Answer matching: Three-step process (rule-based, extended rule-based, LLM-assisted).
Metrics: Chance-Adjusted Accuracy for MCQ, Mean Relative Accuracy for numerical answers.
Circular evaluation: Option rotation to mitigate position bias.
Resource requirements: Over one billion tokens processed, with significant computational cost for high-effort reasoning modes.

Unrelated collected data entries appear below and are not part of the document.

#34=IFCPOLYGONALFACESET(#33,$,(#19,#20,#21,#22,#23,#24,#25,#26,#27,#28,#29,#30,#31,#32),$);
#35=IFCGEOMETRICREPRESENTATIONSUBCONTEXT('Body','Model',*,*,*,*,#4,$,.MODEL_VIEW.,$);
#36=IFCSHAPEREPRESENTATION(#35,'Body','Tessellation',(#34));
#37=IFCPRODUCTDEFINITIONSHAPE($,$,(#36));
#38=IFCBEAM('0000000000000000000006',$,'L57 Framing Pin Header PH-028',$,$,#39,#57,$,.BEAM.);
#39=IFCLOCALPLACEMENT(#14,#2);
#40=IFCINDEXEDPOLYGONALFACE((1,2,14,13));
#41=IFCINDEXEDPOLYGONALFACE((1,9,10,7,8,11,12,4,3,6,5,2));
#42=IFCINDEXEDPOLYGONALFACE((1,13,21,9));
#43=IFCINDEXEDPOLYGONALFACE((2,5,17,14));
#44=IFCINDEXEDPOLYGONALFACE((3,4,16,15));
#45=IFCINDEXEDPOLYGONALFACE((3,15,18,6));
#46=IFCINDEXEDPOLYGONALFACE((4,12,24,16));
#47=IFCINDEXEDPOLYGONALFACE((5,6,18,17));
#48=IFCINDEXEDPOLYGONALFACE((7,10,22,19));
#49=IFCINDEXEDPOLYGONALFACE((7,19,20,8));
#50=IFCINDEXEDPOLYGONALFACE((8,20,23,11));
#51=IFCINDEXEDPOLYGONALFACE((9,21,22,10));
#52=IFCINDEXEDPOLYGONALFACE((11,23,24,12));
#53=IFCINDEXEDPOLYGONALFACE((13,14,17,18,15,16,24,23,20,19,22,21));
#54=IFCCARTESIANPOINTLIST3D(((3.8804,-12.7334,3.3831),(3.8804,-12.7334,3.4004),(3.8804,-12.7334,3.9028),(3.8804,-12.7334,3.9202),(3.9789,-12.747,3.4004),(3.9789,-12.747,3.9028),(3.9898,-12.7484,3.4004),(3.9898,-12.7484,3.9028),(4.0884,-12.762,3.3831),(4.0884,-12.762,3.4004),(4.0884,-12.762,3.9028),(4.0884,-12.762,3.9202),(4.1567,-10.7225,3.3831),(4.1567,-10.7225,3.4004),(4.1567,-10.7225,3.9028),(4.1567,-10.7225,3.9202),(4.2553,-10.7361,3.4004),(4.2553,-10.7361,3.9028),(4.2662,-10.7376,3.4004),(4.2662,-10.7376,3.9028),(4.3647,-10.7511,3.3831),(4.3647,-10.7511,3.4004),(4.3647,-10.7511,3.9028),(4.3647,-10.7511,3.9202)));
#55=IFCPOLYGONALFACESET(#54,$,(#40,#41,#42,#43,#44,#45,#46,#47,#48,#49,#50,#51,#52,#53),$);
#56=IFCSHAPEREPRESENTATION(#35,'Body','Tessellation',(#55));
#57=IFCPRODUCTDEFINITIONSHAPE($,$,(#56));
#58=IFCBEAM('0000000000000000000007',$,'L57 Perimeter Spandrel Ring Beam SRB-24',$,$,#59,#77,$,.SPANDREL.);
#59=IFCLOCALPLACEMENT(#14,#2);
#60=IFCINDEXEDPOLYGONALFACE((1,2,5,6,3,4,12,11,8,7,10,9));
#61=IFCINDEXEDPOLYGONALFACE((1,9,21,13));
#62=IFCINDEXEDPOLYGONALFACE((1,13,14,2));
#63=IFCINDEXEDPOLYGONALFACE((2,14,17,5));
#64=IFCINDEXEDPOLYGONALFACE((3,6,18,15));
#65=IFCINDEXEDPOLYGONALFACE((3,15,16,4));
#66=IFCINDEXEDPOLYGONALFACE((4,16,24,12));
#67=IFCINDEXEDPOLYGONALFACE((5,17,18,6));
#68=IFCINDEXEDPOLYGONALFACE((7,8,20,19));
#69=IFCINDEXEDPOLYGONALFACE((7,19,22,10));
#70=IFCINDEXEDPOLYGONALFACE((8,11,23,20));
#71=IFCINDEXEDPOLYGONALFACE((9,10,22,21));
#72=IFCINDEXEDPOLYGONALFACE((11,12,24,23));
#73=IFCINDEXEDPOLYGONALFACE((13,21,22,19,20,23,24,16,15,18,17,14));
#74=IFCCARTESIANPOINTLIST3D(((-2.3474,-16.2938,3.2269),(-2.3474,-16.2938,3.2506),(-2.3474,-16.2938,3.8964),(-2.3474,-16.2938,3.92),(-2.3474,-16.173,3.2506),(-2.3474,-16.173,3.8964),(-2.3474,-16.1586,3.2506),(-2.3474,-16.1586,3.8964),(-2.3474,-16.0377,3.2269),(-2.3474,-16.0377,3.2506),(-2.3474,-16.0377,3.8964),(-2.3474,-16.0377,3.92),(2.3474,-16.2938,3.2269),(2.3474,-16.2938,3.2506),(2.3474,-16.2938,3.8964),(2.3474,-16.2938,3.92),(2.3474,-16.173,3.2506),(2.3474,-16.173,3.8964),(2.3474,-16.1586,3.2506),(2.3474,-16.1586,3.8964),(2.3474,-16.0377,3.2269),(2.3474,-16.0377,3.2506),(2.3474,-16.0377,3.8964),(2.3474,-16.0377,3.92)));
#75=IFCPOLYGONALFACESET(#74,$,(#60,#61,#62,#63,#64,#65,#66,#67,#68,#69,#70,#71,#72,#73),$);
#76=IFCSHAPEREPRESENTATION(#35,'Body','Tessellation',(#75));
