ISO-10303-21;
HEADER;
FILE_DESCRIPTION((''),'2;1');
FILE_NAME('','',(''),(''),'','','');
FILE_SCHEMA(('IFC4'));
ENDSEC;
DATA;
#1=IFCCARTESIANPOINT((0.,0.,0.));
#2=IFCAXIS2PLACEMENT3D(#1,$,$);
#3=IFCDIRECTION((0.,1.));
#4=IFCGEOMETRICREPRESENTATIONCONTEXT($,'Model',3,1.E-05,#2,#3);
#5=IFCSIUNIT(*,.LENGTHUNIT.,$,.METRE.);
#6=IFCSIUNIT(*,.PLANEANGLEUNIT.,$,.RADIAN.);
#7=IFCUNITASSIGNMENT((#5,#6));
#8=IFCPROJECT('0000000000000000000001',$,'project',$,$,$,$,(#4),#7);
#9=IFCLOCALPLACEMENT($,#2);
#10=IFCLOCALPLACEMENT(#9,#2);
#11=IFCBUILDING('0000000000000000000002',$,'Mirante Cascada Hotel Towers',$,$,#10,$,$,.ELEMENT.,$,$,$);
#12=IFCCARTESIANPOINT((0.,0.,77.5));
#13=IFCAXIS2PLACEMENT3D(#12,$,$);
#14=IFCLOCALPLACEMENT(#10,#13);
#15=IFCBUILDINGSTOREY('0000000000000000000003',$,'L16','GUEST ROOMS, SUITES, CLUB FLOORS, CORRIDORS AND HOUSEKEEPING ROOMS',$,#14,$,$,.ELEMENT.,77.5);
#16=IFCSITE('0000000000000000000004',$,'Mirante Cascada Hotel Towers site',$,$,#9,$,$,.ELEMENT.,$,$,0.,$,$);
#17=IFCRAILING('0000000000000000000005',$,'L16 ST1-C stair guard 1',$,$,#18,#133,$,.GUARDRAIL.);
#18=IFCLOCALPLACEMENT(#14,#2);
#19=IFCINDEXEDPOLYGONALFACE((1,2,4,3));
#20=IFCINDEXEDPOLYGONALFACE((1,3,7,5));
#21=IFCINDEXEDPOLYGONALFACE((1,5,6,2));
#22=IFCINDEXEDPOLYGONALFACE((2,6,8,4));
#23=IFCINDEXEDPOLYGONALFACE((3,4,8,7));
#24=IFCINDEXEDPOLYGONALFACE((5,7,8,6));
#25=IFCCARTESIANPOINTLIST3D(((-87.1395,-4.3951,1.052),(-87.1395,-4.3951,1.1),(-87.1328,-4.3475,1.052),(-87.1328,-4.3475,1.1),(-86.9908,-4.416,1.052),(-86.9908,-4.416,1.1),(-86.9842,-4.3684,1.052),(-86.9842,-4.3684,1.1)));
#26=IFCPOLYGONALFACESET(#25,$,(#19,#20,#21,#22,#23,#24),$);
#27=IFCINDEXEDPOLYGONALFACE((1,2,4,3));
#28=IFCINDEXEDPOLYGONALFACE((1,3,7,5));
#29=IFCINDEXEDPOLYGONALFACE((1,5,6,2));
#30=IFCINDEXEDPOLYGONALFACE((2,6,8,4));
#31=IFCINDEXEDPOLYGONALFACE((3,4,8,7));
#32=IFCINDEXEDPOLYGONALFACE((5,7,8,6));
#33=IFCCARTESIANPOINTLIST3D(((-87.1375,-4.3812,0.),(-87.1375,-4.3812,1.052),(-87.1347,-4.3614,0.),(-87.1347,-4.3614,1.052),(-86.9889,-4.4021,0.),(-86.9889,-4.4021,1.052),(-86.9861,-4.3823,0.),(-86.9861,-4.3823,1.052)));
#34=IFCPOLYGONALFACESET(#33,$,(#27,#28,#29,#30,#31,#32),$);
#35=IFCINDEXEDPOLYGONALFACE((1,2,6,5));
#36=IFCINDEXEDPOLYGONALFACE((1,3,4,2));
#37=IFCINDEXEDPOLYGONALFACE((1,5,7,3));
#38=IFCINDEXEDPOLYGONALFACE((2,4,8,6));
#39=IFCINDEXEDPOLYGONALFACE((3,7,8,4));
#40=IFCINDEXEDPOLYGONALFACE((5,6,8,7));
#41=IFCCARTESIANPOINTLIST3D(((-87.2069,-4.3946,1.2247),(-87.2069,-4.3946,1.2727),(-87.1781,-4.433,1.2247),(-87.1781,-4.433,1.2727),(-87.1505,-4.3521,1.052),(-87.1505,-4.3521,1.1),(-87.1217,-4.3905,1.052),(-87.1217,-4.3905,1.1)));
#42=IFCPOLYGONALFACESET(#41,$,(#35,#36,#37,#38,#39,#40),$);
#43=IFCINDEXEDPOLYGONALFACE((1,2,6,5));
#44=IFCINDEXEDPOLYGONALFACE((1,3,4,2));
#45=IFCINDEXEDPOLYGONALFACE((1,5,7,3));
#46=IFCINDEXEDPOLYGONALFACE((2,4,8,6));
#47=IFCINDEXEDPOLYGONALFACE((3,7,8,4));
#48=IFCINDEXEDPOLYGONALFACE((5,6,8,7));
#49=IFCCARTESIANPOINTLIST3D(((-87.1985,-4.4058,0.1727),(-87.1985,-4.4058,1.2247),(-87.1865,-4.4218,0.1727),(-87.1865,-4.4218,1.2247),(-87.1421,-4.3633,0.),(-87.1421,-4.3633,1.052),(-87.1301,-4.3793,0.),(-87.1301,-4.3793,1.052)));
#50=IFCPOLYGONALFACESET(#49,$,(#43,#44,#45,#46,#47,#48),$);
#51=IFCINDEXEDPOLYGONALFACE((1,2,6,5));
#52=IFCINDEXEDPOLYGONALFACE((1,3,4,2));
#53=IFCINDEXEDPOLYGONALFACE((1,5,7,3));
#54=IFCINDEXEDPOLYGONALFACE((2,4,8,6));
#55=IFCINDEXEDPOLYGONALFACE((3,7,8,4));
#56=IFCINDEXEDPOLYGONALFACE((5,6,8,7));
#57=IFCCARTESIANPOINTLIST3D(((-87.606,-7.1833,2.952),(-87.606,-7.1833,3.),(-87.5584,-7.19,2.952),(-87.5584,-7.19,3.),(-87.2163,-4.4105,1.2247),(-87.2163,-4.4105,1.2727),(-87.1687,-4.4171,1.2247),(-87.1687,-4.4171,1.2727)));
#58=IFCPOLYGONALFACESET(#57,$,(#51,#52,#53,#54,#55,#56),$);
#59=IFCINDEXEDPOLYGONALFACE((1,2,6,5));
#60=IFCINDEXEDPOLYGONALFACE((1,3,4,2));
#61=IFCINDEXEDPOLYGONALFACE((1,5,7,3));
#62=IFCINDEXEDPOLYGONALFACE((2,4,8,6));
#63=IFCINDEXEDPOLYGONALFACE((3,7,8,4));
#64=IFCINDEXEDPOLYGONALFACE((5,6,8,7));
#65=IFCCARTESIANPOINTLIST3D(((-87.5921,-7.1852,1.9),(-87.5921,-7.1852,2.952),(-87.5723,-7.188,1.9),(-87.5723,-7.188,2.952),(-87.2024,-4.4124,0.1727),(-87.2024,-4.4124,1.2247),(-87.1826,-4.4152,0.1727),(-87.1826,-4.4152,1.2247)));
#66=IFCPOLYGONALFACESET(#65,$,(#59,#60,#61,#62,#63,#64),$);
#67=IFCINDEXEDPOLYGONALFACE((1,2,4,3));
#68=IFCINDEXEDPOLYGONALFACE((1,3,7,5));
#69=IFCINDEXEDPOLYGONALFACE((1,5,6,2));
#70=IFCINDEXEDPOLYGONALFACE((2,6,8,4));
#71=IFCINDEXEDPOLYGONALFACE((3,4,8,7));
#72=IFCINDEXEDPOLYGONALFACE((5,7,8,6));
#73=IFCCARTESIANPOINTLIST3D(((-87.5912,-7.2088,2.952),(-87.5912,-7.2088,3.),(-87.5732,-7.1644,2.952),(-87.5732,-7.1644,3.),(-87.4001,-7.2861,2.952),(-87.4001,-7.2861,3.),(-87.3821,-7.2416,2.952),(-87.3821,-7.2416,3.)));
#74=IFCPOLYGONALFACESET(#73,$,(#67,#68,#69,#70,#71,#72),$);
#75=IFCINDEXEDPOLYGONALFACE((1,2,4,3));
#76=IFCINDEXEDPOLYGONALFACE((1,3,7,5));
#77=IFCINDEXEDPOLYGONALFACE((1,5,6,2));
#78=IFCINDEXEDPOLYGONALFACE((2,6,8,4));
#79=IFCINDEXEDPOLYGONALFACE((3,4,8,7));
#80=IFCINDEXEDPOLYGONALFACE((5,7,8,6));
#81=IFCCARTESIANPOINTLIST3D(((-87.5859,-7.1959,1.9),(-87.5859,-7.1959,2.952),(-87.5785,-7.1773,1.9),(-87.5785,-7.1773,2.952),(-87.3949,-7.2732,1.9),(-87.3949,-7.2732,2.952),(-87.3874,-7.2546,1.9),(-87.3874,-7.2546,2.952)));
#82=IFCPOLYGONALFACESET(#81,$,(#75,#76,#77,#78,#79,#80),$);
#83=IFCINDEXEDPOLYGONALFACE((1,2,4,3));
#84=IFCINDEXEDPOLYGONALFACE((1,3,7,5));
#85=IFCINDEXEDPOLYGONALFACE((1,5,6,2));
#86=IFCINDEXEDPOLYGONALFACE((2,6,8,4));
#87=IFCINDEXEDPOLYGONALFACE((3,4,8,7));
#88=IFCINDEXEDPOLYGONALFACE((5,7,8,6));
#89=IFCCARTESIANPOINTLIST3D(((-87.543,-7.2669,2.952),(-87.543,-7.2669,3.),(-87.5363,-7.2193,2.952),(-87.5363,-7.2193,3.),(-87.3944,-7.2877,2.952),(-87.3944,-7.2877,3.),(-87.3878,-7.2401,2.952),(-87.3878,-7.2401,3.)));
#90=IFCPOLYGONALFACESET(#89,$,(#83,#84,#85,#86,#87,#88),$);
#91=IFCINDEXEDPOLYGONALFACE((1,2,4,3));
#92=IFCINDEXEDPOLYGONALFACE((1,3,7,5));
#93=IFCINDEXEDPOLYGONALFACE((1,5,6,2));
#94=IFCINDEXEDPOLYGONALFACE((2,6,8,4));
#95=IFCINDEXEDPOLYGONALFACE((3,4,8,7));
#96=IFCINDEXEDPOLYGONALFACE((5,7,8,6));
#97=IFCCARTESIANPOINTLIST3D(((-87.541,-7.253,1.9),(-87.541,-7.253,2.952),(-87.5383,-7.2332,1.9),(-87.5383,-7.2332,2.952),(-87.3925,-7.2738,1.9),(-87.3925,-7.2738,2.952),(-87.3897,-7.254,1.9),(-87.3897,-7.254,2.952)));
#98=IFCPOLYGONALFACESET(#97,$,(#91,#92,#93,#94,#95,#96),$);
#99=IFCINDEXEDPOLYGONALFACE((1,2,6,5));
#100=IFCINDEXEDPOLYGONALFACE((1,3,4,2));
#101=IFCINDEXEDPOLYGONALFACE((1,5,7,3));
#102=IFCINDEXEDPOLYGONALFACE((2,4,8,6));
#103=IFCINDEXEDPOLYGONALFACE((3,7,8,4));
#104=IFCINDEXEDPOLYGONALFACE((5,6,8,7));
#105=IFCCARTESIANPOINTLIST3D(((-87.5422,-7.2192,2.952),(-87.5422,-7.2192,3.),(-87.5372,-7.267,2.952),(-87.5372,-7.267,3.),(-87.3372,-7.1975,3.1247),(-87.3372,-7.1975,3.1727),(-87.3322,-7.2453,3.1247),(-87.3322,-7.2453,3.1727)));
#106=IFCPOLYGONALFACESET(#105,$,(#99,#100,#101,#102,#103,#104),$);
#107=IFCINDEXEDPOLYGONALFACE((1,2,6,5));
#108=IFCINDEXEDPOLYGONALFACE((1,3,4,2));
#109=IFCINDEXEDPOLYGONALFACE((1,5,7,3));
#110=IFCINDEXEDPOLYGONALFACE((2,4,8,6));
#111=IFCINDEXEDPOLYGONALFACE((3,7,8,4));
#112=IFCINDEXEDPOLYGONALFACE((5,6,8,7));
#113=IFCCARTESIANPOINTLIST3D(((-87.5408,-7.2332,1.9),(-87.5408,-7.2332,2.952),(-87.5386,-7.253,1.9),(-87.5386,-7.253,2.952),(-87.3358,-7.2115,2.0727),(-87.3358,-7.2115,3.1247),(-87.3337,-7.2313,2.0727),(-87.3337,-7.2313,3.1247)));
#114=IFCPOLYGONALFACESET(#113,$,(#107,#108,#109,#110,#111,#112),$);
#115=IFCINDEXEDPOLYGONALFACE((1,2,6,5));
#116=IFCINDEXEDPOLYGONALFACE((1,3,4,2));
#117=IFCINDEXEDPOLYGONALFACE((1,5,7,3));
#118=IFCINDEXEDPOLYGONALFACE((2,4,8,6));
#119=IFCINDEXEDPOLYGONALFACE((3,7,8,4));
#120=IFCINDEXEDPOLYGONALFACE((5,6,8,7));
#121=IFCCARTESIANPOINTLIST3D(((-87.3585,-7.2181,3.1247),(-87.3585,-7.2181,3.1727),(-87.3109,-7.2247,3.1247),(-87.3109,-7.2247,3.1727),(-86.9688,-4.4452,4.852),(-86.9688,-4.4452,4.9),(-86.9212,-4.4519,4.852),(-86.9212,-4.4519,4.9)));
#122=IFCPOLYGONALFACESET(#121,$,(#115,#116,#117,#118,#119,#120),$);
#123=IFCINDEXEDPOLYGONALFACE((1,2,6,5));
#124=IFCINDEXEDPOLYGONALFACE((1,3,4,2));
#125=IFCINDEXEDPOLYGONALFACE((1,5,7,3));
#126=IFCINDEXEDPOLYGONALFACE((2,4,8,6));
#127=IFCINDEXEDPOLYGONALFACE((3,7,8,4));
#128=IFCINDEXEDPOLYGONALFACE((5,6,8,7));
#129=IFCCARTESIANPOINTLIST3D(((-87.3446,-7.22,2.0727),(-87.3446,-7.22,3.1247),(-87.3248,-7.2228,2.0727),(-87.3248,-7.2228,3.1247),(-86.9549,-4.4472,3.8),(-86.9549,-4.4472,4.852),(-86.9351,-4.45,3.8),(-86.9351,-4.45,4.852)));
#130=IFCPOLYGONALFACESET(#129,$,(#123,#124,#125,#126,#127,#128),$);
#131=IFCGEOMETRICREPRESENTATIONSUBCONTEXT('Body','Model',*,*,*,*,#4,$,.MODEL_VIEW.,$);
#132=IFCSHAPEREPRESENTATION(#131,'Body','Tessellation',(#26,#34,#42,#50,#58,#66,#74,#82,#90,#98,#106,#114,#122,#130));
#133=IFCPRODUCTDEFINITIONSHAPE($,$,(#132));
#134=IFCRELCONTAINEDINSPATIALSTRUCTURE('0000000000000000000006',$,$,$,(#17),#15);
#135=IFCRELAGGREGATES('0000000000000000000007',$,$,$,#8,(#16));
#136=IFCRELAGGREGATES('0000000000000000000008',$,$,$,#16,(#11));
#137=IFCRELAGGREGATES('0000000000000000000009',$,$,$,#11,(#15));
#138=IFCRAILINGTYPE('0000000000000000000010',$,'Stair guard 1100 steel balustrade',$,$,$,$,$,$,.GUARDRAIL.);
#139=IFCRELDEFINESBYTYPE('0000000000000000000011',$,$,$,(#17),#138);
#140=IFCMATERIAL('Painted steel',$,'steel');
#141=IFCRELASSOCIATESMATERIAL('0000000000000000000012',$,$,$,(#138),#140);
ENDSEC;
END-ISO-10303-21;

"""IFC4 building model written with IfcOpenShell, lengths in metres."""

from ifc_helpers import new_model, si_unit, direction, frame, origin, origin_2d, place, context, subcontext, project, spatial, rectangle, extrude, material, type_object, element, save


model = new_model("IFC4")

# Units and contexts
model_context = context("Model", 3, precision=1e-05, world=origin(), true_north=direction((0.0, 1.0)))
body_context = subcontext(model_context, "Body", "Model", "MODEL_VIEW")
ifc_project = project(units=[si_unit("LENGTHUNIT", "METRE"), si_unit("PLANEANGLEUNIT", "RADIAN")], contexts=[model_context])

# Site, building, storey
site_placement = place(None, origin())
site = spatial("IfcSite", under=ifc_project, at=site_placement, Name="Mirante Cascada Hotel Towers site", CompositionType="ELEMENT", RefElevation=0.0)
building_placement = place(site_placement, origin())
building = spatial("IfcBuilding", under=site, at=building_placement, Name="Mirante Cascada Hotel Towers", CompositionType="ELEMENT")
storey_placement = place(building_placement, frame((0.0, 0.0, 77.5)))
storey = spatial("IfcBuildingStorey", under=building, at=storey_placement, Name="L16", Description="GUEST ROOMS, SUITES, CLUB FLOORS, CORRIDORS AND HOUSEKEEPING ROOMS", CompositionType="ELEMENT", Elevation=77.5)

# Railing
ifc_material_1 = material(Name="Painted steel", Category="steel")
railing_type = type_object("IfcRailingType", Name="Stair guard 1100 steel balustrade", PredefinedType="GUARDRAIL", material=ifc_material_1)
railing_placement = place(storey_placement, frame((-86.9875, -4.3922, 0.0)))
element("IfcRailing", 1, at=railing_placement, inside=storey, type_object=railing_type, Name="L16 ST1-C stair guard 1", PredefinedType="GUARDRAIL", context=body_context, shape_type="SweptSolid", body=[
    extrude(rectangle(XDim=0.048, YDim=0.048, at=origin_2d()), frame((0.0, 0.0, 1.076), z_axis=(-0.990254, 0.139275, 0.0), x_axis=(-0.139275, -0.990254, 0.0)), (0.0, 0.0, 1.0), 0.1501),
    extrude(rectangle(XDim=0.02, YDim=1.052, at=origin_2d()), frame((0.0, 0.0, 0.526), z_axis=(-0.990254, 0.139275, 0.0), x_axis=(-0.139275, -0.990254, 0.0)), (0.0, 0.0, 1.0), 0.1501),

Implications and Future Directions

The empirical results demonstrate that, while GPT-5 represents a substantial advance in spatial intelligence, it has not achieved parity with human cognition in this domain. The persistent deficits in MR, PT, DA, and CR suggest that current MLLMs lack fundamental spatial reasoning mechanisms, such as robust 3D mental modeling, viewpoint transformation, and structural manipulation. The parity between proprietary and open-source models on the hardest SI tasks indicates that further progress may be driven by architectural innovations and training strategies rather than scale alone.

Practical implications:

Embodied AI and robotics: Current MLLMs are not yet suitable for tasks requiring advanced spatial reasoning, such as manipulation, navigation, or assembly.
Benchmarking and evaluation: The standardized taxonomy and protocols provide a foundation for future SI research and model comparison.
Open-source opportunities: The lack of proprietary advantage on difficult SI tasks opens the field for community-driven advances.

Theoretical implications:

Spatial intelligence is a distinct and underexplored frontier in AGI research.
Progress in SI will require new approaches beyond scaling and data augmentation, potentially involving explicit geometric reasoning modules, 3D-aware representations, or hybrid neuro-symbolic architectures.

Conclusion

This paper provides a rigorous empirical assessment of GPT-5's spatial intelligence, revealing both its strengths and persistent limitations. While GPT-5 sets a new benchmark in SI, it remains far from human-level performance in key areas. The unified taxonomy, standardized evaluation, and detailed analysis presented here establish a foundation for future research, highlighting the need for novel methods to bridge the gap in spatial reasoning and advance toward embodied AGI.